Brooks contrasts these with a new collectivist model, “We’ve seen displays of mass conformity before, but this [Opening Ceremony] was collectivism of the present — a high-tech vision of the harmonious society performed in the context of China’s miraculous growth… The rise of China isn’t only an economic event. It’s a cultural one. The ideal of a harmonious collective may turn out to be as attractive as the ideal of the American Dream.”
But Brooks would have done well to read other parts of the Times today. Rather than an individual vs. collective dichotomy, we see interactions. The rise of the Chinese sports machine is not because of a collectivist mentality, but athletic effort tied to “China’s massive population, booming economy and surging athletic ambitions.” In New York City, an environmental health clinic tends to individual patients with collectivist concerns, people who want to know what they can do about environmental health problems themselves. Diana Beresford-Kroeger is a scientist yet “she tries to bring together aboriginal healing, Western medicine and botany to advocate an unusual role for trees,” promoting their “ecofunctions” and seeing trees as a natural and better way to deal with environmental and health problems through their “synergistic” chemical effects.
These sorts of dynamics undercut the argument made by John Tierney in Let the Games Be Doped. He asks, and seems to support the affirmative answer, to this provocative question: “What if we let athletes do whatever they wanted to excel?”
He bases this on the idea that drug technology, and the benefits of cheating, will always outstrip our efforts to regulate sport. Technology and individualism win; if we just let athletes do what they want, it might produce a more “level playing field.” But that assumes that state-level (collective? not quite) manipulations of doping would not affect the playing field, and does not address the enormous technical advances made in detecting doping. It also highlights competition at any cost as the dominant value, rather than addressing contextual ways we might help promote a level-playing field even if some individuals might try to cheat.
A better piece is Tara Parker-Pope’s point that an “Early Test for Cancer Isn’t Always Best Course.” (For those of you thinking I am picking on Tierney over Parker-Pope, Tierney on comfort food was much better, while Parker-Pope on motherhood and neuroimaging was just bad.)

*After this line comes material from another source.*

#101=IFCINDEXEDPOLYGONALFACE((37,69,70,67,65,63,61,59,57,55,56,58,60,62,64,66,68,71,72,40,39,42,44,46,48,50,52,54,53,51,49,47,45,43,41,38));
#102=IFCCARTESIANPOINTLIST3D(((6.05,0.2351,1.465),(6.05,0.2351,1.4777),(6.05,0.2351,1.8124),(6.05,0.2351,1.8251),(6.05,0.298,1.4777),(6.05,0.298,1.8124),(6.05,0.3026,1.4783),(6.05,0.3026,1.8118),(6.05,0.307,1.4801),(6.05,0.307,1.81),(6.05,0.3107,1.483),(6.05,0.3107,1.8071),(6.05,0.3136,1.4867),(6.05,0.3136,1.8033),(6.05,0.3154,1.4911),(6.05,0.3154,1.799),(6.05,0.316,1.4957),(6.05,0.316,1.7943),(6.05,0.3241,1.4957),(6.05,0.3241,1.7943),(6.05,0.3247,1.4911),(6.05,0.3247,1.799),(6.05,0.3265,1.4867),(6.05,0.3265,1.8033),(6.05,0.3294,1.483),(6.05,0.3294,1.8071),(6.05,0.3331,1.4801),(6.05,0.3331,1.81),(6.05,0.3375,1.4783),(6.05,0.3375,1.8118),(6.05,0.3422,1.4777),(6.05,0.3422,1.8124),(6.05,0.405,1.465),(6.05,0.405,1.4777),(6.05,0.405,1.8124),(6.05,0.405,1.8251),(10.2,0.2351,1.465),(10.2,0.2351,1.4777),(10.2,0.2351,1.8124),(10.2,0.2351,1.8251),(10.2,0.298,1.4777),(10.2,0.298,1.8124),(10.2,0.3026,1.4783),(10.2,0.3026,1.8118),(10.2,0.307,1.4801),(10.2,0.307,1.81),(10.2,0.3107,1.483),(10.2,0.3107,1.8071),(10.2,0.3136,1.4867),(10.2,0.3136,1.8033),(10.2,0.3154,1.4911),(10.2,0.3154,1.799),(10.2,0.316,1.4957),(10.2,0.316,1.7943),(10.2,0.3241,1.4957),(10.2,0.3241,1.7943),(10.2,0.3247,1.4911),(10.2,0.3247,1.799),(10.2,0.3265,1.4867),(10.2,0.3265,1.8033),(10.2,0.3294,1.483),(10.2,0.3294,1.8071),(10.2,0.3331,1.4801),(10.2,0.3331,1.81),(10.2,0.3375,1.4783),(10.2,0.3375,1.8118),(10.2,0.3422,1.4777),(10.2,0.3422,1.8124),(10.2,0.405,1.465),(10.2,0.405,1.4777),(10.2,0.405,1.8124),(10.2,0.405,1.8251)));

Rather than the simplistic declaration that early detection saves lives, research shows that early testing can have complex and ambiguous effects. For example, US medical experts just recommended that men over 75 no longer screen for prostate cancer: “Their advice offered a look at the potential downside of cancer screening and our seemingly endless quest to detect cancer early in otherwise healthy people. In this case, for men 75 and older, the United States Preventive Services Task Force concluded that screening for prostate cancer does more harm than good… 75 is the age at which the risks clearly begin to outweigh the benefits, and the disease, if detected, would most likely not have a meaningful effect on life expectancy.”
The complexities of detection and scientific data, the costs and harm done by treatment, the medicalization of life—all these are part and parcel of the technology itself. The simple mantra is easy to remember and can help elicit helpful change, at least in the past. But today we know better.
“We’ve done a great job in public health convincing people that cancer screening tests work,” said Peter B. Bach, a pulmonologist and epidemiologist at Memorial Sloan-Kettering Cancer Center in New York City. “We’re uncomfortable with the notion that some screening tests work and others don’t. That seems mystifying to people.”
How to make that less mystifying and more explainable, how to take advantage of the complexities—those are the challenges of this sort of work. But those are the challenges of the world we live in today.